Variations of the Lyapunov function of the 3-DOF USV’s control loop a when tracking setpoint 7, b when tracking setpoint 8

6 Conclusions

Autonomous navigation for Unmanned Surface Vessels (USVs) depends on the solution of the related nonlinear control problem. To this end, a new nonlinear optimal control method for 3-DOF USVs has been proposed. The method relies on approximate linearization of the dynamic model of the 3-DOF USVs through Taylor series expansion and the computation of the associated Jacobian matrices. This linearization process takes place at each iteration of the control algorithm, around a temporary operating point. The operating point is dynamically updated at each sampling period and is defined by the present value of the system’s state vector and by the last sampled value of the control inputs vector. The modelling error which is due to truncation of higher-order terms from the Taylor series expansion is treated as a perturbation which is dynamically updated by the robustness of the control algorithm. For the approximately linearized model of the system, a stabilizing H-infinity (optimal) feedback controller is designed.

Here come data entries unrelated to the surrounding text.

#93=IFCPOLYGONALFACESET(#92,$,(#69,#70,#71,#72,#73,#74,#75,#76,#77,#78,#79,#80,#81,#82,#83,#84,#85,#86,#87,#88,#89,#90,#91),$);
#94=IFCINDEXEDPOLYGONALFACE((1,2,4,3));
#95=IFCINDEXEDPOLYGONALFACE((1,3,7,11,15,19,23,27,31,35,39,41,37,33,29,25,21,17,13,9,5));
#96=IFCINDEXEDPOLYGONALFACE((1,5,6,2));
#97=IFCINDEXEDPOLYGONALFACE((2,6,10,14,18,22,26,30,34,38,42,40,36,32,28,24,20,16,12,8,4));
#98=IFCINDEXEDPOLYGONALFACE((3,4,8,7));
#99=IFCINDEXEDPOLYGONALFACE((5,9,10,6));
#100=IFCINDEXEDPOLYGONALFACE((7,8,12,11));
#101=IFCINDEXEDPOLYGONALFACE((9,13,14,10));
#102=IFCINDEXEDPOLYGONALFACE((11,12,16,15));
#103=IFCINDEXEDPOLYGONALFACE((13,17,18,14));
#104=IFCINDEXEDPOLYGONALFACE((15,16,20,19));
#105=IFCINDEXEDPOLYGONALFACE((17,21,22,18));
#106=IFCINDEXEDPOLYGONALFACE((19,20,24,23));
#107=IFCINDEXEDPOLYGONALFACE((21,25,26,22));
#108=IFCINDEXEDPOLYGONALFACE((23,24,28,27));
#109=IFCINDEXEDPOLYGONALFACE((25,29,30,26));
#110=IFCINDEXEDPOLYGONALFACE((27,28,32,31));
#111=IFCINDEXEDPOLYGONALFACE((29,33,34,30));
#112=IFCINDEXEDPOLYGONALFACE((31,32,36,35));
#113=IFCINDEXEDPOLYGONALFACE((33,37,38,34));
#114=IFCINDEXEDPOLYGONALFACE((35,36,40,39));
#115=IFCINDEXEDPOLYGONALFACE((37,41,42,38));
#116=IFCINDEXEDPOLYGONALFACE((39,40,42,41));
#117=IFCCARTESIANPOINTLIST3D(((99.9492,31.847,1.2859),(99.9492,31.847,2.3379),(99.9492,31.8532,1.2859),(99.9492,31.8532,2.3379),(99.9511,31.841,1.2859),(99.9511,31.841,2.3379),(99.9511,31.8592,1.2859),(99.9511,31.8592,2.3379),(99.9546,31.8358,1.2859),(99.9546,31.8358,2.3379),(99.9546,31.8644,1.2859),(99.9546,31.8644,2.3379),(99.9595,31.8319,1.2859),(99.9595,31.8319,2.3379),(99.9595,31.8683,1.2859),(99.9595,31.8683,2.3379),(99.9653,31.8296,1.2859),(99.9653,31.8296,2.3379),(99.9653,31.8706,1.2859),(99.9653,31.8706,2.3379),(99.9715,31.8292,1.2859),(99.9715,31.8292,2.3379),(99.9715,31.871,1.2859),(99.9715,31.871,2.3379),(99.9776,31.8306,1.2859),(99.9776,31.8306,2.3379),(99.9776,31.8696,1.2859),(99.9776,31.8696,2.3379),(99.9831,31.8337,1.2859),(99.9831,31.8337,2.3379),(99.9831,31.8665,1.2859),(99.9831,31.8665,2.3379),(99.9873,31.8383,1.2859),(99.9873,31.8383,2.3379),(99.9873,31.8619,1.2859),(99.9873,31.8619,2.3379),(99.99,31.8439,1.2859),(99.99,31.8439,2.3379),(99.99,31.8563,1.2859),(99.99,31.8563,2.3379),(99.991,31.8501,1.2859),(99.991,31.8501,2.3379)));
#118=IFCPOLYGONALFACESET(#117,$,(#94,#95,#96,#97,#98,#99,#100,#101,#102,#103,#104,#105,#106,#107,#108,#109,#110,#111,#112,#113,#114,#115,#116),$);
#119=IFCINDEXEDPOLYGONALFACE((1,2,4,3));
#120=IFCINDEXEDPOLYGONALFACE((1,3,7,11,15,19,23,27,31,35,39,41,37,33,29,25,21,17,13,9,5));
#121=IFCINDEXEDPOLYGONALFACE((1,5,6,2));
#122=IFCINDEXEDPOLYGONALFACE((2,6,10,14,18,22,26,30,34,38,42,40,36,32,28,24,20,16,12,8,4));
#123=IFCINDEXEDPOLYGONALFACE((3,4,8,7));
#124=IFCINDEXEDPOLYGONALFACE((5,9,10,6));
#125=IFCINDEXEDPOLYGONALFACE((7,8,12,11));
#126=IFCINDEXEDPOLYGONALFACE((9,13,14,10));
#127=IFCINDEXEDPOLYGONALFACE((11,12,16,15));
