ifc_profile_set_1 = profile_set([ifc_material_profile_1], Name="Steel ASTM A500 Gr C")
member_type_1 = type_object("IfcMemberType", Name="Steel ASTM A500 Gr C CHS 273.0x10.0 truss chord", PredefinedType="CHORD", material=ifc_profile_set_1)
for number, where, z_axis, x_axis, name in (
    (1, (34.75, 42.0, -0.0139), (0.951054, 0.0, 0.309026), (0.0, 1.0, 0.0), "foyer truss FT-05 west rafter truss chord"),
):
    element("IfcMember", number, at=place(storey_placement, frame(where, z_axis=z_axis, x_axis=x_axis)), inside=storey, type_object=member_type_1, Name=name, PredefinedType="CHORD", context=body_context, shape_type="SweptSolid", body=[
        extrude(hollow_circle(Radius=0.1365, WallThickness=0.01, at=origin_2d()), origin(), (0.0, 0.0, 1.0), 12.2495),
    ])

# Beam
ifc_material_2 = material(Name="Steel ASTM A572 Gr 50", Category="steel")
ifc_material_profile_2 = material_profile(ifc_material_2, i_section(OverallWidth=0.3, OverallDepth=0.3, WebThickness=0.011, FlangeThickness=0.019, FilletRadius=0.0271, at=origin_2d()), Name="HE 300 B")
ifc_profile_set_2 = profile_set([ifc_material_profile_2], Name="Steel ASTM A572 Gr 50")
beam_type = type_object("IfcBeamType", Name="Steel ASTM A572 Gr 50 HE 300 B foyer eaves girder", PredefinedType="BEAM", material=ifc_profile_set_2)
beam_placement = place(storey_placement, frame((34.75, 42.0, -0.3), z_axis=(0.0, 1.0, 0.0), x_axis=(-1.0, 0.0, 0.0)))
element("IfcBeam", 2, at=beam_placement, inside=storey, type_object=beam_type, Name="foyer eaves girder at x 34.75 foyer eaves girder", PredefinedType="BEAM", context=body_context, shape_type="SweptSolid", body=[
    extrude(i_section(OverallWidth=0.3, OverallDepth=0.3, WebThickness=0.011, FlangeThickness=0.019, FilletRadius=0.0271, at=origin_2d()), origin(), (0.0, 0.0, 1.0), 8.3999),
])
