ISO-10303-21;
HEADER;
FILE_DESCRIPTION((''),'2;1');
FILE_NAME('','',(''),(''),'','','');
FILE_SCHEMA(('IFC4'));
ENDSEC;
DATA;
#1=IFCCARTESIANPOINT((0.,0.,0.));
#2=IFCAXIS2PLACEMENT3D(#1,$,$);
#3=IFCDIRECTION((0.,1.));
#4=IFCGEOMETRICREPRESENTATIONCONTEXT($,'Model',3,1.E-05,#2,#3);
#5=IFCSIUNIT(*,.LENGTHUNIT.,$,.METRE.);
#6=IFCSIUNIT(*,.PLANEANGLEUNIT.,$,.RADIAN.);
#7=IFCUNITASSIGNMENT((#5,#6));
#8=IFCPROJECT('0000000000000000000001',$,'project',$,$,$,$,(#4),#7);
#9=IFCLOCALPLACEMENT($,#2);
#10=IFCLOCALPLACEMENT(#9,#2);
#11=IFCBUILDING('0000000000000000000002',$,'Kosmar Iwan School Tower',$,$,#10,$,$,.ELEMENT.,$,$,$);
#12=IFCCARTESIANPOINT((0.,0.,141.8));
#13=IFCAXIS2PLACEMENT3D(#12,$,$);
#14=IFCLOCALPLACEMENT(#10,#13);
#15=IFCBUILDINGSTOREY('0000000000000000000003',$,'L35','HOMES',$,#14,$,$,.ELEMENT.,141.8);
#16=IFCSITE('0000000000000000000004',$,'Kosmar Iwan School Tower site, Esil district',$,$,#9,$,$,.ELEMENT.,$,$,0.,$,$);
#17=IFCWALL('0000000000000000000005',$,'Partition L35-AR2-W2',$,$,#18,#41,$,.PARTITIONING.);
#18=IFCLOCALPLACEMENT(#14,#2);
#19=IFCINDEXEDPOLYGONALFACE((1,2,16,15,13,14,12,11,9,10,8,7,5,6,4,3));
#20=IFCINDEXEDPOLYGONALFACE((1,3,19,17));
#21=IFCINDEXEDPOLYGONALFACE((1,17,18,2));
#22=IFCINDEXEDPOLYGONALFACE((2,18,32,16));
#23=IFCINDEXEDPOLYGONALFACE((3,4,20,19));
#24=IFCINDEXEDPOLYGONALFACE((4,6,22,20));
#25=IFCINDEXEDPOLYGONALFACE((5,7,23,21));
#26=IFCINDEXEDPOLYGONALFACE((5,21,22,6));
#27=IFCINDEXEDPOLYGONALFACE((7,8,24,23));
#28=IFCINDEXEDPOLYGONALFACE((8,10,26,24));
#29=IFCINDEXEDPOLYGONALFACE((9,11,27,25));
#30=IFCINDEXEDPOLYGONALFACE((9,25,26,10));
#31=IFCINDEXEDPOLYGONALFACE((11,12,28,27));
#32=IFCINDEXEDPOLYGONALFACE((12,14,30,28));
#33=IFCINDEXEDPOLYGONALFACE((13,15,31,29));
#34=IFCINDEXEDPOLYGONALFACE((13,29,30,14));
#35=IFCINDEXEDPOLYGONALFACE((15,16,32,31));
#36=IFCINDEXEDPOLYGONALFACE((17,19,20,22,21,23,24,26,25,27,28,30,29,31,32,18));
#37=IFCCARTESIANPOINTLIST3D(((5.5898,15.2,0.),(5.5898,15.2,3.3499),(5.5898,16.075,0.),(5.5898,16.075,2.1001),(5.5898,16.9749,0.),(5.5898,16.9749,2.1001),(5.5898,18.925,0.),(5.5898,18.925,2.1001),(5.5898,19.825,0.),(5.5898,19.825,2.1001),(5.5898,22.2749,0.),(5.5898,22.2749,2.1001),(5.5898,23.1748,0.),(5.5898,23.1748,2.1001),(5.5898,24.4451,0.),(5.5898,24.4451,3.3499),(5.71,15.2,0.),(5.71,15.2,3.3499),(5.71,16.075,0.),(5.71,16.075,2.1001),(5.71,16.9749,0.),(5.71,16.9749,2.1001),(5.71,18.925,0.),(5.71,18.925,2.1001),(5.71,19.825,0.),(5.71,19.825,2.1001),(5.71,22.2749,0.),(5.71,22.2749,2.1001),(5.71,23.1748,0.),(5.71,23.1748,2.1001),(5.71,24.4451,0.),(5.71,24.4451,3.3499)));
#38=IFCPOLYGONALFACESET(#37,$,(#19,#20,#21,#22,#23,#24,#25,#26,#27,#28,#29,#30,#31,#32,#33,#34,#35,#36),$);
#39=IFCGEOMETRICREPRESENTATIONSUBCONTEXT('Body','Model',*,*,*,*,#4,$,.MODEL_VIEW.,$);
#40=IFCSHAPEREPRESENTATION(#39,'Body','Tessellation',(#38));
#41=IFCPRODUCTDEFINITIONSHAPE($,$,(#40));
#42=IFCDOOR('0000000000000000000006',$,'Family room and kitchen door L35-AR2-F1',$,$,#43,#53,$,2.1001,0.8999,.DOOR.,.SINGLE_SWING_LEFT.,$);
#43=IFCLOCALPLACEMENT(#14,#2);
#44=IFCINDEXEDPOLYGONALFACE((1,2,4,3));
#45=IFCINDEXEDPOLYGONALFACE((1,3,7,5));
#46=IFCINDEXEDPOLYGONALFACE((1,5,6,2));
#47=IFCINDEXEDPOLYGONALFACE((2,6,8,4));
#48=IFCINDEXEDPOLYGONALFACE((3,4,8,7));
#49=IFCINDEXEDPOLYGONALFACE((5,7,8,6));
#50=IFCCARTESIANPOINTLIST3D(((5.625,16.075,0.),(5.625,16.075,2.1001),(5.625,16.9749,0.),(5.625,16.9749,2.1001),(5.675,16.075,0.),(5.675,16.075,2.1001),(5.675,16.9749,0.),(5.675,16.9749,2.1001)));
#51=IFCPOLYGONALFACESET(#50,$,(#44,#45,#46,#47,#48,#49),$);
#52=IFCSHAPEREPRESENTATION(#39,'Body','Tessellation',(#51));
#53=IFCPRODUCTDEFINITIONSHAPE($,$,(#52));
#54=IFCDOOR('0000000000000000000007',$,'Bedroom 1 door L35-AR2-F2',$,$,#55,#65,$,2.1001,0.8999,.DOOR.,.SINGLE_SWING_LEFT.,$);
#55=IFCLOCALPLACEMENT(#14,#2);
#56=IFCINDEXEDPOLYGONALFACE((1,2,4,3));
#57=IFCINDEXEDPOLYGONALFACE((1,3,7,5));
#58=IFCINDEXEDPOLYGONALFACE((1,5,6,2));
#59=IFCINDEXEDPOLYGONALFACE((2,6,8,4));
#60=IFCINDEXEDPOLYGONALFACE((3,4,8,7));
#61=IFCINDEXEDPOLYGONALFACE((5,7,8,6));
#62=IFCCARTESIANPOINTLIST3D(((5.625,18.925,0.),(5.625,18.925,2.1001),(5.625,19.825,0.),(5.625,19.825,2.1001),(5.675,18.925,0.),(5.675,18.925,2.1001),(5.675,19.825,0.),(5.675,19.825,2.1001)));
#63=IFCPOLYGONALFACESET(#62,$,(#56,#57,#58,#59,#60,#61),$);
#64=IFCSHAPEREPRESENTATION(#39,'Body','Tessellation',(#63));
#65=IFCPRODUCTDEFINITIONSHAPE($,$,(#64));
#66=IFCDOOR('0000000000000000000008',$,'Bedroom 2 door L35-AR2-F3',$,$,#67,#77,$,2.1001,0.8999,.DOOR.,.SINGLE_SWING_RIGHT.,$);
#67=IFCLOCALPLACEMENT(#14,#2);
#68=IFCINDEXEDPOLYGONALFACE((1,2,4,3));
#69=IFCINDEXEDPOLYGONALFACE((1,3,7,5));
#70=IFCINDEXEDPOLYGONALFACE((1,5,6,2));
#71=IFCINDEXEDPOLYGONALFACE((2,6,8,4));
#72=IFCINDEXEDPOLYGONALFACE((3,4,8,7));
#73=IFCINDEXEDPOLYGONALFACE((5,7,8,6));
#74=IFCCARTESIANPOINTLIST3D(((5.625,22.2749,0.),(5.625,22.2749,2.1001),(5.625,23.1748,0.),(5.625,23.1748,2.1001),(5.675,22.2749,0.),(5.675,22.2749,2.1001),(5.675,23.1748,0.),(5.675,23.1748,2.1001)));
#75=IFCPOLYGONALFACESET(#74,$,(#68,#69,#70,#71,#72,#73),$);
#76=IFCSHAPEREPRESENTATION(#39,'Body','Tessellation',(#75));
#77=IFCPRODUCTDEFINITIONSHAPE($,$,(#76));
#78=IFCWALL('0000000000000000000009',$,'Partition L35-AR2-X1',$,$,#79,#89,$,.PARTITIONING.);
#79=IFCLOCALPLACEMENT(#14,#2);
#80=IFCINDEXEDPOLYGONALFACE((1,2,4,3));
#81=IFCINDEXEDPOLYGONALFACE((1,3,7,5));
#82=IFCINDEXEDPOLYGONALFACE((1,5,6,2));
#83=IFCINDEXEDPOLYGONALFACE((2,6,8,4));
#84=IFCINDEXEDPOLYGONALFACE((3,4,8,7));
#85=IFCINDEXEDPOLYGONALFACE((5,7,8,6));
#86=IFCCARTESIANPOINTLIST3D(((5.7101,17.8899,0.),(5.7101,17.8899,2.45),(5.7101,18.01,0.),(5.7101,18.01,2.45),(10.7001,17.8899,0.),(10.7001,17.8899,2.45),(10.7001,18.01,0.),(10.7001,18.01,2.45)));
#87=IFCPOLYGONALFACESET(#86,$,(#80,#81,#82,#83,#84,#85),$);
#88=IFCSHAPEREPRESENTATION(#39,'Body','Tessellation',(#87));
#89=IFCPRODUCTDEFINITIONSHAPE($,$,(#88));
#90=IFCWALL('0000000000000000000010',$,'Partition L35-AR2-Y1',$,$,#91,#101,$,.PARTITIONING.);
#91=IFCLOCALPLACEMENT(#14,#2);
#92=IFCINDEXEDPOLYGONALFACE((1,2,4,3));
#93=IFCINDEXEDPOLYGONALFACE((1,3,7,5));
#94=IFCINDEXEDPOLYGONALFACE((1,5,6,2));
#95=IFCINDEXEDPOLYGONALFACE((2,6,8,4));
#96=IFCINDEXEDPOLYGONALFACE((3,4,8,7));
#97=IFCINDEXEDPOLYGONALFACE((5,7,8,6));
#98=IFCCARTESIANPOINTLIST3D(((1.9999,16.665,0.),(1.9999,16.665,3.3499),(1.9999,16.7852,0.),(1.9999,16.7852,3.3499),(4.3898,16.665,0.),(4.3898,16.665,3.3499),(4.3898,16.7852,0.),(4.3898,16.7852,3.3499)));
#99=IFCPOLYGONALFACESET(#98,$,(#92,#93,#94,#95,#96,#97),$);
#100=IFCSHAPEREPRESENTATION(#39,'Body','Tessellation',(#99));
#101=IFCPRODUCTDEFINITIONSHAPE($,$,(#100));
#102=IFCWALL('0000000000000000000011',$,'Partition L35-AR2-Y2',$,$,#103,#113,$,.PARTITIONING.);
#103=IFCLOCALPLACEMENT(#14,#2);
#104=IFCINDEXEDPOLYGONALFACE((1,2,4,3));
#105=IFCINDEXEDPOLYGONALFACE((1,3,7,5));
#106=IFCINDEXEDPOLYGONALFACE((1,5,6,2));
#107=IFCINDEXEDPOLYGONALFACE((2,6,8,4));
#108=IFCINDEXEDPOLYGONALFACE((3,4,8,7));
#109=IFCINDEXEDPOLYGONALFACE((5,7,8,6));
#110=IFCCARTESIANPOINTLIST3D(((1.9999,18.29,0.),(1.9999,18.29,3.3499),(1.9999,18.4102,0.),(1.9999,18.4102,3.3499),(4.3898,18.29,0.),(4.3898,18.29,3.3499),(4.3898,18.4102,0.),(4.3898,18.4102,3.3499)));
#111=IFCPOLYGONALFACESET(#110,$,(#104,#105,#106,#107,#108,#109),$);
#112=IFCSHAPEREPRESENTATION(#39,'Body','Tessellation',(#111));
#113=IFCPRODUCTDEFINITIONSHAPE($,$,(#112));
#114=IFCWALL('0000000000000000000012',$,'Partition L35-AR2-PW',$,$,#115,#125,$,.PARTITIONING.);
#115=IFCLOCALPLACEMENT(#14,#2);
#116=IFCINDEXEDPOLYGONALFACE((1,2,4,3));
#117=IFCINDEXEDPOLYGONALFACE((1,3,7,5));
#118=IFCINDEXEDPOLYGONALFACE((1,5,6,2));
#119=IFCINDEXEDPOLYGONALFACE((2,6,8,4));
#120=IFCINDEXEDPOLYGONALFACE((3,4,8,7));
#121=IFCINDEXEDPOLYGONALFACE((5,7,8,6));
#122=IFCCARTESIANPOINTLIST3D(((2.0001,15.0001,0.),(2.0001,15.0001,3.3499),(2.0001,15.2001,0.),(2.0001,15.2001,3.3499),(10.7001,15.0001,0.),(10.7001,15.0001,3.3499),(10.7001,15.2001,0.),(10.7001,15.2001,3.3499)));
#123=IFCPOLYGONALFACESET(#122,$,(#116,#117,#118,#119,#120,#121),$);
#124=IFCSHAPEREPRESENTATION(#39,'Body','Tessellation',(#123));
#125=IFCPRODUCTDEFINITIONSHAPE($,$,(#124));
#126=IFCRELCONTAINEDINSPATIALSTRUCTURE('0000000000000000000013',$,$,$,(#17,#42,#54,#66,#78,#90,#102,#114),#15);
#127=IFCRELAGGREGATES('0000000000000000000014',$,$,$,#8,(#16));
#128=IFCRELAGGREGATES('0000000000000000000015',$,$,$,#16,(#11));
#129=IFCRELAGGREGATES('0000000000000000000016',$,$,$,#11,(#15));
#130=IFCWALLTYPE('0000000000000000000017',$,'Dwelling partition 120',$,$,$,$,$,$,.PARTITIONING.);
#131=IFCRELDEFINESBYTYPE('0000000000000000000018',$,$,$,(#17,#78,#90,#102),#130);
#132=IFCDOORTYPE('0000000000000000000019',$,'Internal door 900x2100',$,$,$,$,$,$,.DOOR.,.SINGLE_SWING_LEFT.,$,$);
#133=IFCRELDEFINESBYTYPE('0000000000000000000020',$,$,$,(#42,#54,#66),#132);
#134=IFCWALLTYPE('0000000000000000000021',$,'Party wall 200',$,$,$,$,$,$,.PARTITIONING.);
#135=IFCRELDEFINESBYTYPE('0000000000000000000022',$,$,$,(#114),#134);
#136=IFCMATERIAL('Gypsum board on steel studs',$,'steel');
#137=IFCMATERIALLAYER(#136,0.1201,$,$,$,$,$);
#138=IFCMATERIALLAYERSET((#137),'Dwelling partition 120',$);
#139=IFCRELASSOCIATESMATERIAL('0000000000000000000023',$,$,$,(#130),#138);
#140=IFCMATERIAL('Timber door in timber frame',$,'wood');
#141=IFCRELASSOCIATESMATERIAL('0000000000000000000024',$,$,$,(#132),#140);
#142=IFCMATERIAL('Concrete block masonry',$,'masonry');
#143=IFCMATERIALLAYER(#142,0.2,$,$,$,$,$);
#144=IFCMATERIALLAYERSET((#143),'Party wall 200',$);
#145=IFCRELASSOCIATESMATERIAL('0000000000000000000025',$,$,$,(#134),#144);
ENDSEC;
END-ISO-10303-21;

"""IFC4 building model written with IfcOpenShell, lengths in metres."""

from ifc_helpers import new_model, si_unit, direction, frame, frame_2d, origin, place, context, subcontext, project, spatial, rectangle, extrude, material, layer, layer_set, type_object, element, fill, save


model = new_model("IFC4")

# Units and contexts
model_context = context("Model", 3, precision=1e-05, world=origin(), true_north=direction((0.0, 1.0)))
body_context = subcontext(model_context, "Body", "Model", "MODEL_VIEW")
ifc_project = project(units=[si_unit("LENGTHUNIT", "METRE"), si_unit("PLANEANGLEUNIT", "RADIAN")], contexts=[model_context])

# Site, building, storey
site_placement = place(None, origin())
site = spatial("IfcSite", under=ifc_project, at=site_placement, Name="Kosmar Iwan School Tower site, Esil district", CompositionType="ELEMENT", RefElevation=0.0)
building_placement = place(site_placement, origin())
building = spatial("IfcBuilding", under=site, at=building_placement, Name="Kosmar Iwan School Tower", CompositionType="ELEMENT")
storey_placement = place(building_placement, frame((0.0, 0.0, 141.8)))
storey = spatial("IfcBuildingStorey", under=building, at=storey_placement, Name="L35", Description="HOMES", CompositionType="ELEMENT", Elevation=141.8)

# Shared definitions
ifc_material_1 = material(Name="Gypsum board on steel studs", Category="steel")
ifc_layer_1 = layer(ifc_material_1, 0.1201)
ifc_layer_set_1 = layer_set([ifc_layer_1], Name="Dwelling partition 120")
wall_type_1 = type_object("IfcWallType", Name="Dwelling partition 120", PredefinedType="PARTITIONING", material=ifc_layer_set_1)

# Wall, openings, doors
ifc_material_2 = material(Name="Timber door in timber frame", Category="wood")
door_type_1 = type_object("IfcDoorType", Name="Internal door 900x2100", OperationType="SINGLE_SWING_LEFT", PredefinedType="DOOR", material=ifc_material_2)
wall_1_placement = place(storey_placement, frame((5.6499, 15.2, 0.0), z_axis=(0.0, 0.0, 1.0), x_axis=(0.0, 1.0, 0.0)))
wall_1 = element("IfcWall", 1, at=wall_1_placement, inside=storey, type_object=wall_type_1, Name="Partition L35-AR2-W2", PredefinedType="PARTITIONING", context=body_context, shape_type="SweptSolid", body=[
    extrude(rectangle(XDim=9.2451, YDim=0.1201, at=frame_2d((4.6226, 0.0))), origin(), (0.0, 0.0, 1.0), 3.3499),
])
opening_1_placement = place(wall_1_placement, frame((0.875, 0.0, 0.0)))
opening_1 = element("IfcOpeningElement", 2, at=opening_1_placement, cuts=wall_1, PredefinedType="OPENING", context=body_context, shape_type="SweptSolid", body=[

The proposed H-infinity feedback controller achieves the solution of the optimal control problem for the dynamic model of the 3-DOF USV under model uncertainty and external perturbations. Actually, it represents the solution of a min-max differential game in which the controller tries to minimize a quadratic cost function of the state vector’s tracking error, whereas the model uncertainty and external perturbation terms try to maximize this cost function. To compute the stabilizing feedback gains of the H-infinity controller, an algebraic Riccati equation is repetitively solved at each time-step of the control algorithm. The global asymptotic stability properties of the control scheme are proven through Lyapunov analysis. Furthermore, to implement state estimation-based control without the need to measure the entire state vector of the 3-DOF USV, the H-infinity Kalman Filter is used as a robust state estimator. The proposed nonlinear optimal control method for USVs retains the known advantages of linear optimal control, that is fast and accurate tracking of reference setpoints under moderate variations of the control inputs.

The solution of the nonlinear optimal control problem for unmanned vessels allows for keeping small the ranges of the vessel’s control inputs. Consequently, it allows for reducing energy consumption and thus it permits to improve the vessels’ autonomy and operational capacity.The article’s nonlinear optimal control method is suitable for all types of drones and autonomous vehicles, that is UGVs, AUVs, USVs and AUVs. The aim is to extend the use of the proposed nonlinear optimal control method to more types unmanned surface vessels and to more types of autonomous underwater vessels. So far the method has been used in 3-DOF unmanned surface vessels, 3-DOF autonomous underactuated hovercrafts, the 2-DOF dynamics of diving submarines, and 3-DOF autonomous underwater vessels. The method’s use can be easily extended to 6-DOF autonomous underwater submarines and is particularly suitable for cases of underactuation. It can be also used for coordination and synchronization of fleets of USVs and AUVs.